MD5 and some other hash functions are based on the Merkle–Damgård construction. It supports the incremental/progressive/streaming hashing of data. After the data is transformed into an internal state (which has a fixed size) a last finalization step is performed to generate the final hash by padding and processing the last block and afterwards by simply returning the final state.
This is probably also why many hashing library functions are designed in such a way with an update and a finalization step.
To answer your question: No, the file content is not kept in a buffer, but is rather transformed into a fixed size internal state.
All modern cryptographic hash functions are created in such a way that they can be updated incrementally.

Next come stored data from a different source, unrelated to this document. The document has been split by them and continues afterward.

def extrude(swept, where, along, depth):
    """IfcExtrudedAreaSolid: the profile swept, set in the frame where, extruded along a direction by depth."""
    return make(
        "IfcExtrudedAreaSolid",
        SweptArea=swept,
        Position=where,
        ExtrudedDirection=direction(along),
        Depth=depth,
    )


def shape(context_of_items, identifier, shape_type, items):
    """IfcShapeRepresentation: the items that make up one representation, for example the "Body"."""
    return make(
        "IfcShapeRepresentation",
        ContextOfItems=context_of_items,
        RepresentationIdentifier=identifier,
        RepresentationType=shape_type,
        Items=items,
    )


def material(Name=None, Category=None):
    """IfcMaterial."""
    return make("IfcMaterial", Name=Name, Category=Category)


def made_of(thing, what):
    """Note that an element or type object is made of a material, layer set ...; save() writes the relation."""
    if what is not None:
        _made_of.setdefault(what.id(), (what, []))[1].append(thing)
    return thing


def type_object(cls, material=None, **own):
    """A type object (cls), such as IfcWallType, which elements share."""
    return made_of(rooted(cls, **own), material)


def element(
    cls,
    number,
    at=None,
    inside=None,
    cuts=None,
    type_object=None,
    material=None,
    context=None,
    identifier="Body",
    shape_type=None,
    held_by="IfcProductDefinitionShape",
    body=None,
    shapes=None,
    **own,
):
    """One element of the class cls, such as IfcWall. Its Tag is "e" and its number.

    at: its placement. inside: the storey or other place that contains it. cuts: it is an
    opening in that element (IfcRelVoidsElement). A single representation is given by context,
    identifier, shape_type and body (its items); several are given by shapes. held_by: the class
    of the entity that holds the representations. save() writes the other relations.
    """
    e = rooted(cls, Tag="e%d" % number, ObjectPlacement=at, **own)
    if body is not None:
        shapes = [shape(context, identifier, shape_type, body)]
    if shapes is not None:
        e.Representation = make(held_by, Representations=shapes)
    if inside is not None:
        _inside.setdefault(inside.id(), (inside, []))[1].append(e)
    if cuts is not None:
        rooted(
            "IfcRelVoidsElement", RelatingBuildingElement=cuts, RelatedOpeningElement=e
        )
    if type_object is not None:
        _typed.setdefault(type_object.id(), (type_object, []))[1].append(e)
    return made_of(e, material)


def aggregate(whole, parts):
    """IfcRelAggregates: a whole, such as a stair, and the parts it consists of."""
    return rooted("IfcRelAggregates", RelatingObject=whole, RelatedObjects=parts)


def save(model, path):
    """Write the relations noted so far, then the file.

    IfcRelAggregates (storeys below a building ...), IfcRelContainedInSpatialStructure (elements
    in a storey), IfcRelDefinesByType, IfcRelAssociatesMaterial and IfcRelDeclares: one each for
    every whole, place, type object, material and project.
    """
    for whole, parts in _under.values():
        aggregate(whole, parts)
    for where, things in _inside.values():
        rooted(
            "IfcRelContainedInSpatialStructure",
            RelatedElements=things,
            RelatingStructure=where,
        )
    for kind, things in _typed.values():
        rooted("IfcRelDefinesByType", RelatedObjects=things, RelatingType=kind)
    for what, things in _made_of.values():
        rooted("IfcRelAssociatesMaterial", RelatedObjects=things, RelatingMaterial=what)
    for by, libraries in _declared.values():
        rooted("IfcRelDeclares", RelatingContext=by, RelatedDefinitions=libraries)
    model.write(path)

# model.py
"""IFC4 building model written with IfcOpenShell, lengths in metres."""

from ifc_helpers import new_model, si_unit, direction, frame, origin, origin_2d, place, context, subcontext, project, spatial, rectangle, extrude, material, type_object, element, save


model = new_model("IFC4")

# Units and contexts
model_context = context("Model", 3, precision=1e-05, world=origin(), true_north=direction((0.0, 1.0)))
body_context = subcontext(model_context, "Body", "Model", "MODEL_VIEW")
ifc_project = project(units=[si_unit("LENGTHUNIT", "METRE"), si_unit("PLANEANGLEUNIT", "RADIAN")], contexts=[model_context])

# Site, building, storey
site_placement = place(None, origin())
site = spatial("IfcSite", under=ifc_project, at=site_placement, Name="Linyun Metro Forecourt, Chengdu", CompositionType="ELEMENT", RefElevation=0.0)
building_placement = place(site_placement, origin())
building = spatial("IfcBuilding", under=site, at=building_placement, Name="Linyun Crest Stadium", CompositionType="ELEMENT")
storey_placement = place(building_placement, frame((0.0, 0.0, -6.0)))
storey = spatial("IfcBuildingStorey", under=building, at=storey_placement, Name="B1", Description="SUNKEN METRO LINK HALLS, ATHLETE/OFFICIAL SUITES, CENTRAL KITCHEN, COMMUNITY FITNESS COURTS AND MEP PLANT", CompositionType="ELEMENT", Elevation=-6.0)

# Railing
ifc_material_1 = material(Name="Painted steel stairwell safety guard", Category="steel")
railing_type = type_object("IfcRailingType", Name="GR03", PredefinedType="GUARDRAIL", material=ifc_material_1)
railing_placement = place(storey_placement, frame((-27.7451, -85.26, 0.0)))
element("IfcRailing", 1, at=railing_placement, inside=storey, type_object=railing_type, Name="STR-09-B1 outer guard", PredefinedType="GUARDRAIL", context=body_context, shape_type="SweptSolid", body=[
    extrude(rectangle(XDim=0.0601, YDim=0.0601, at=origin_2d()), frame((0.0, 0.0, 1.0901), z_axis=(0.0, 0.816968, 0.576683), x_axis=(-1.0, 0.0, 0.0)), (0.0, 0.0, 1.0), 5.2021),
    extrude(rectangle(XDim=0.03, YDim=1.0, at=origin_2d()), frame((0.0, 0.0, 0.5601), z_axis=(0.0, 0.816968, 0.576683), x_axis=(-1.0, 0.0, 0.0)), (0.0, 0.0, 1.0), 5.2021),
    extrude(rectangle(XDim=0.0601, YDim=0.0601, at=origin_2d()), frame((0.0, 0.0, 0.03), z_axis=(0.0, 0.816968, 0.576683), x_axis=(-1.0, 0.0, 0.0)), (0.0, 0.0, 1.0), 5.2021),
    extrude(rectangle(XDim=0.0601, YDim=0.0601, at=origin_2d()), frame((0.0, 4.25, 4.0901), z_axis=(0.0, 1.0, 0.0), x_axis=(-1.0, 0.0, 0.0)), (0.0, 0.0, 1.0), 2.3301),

To allow for incremental updates, the input data of the message is first arranged in blocks. These blocks are processed in order. To do this the implementation usually buffers the input internally until it has a full block, and then processes this block together with the current state to produce a new state, using a so called compression function. The initial state usually simply consists of predetermined constant values. During the call to digest
the last block is padded - usually with bit padding and an encoding of the amount of processed bytes - and the final state is calculated; this may require an additional block without any message data. A final operation may be performed and finally the resulting hash value is returned.
For MD5 the Merkle–Damgård construction is used. This common construction is also used for SHA-1 and SHA-2. SHA-2 is a family of hashes based on the algorithms for SHA-256 (SHA-224) and SHA-512 (SHA-384, SHA-512/224 and SHA-512/256). MD5 in particular uses a block size of 512 bits and a internal state of 128 bits. The internal state of the last block (including padding) is simply output directly without any post-processing for MD5, SHA-1, SHA-256 and SHA-512.
Keccak has been chosen to be SHA-3. It is construction based on a sponge, a specific compression function. It isn't a Merkle–Damgård hash - which is a big reason why it has been chosen as SHA-3. It still has all the update properties of Merkle–Damgård hashes and has been designed to be compatible with SHA-2. It splits up and buffers blocks just like the previously mentioned hashes, but it has a larger internal state and performs final operations on the output, making it arguably more secure.
So when you were using a modern hash construction such as MD5 you were unknowingly performing additional buffering. Fortunately, the buffering of a single block of 512 bits + 128 bits for the state size will not likely make you run out of memory. It is certainly not required for the hash implementation to buffer the entire message before the final hash value can be calculated.
Notes:
- MD5 and SHA-1 are considered insecure w.r.t. collision resistance and they should preferably not be used anymore, especially when it comes to validating contents;
- A "compression function" is a specific cryptographic notion; it is not
LSZIP or anything similar;
- There may be specialized, theoretical hashes that perform the calculate the values differently - theoretically speaking there is no requirement to split the input messages into blocks and operate on the blocks sequentially. No worry, those are unlikely to be in the libraries you are using;
- Similarly, implementations may decide to buffer more blocks at once, but that is fortunately extremely uncommon as well. Commonly only one block is used as buffer - in some cases it could be more performant to buffer a few blocks instead;
- Some low level implementations may require you to supply the blocks yourself for reasons of efficiency.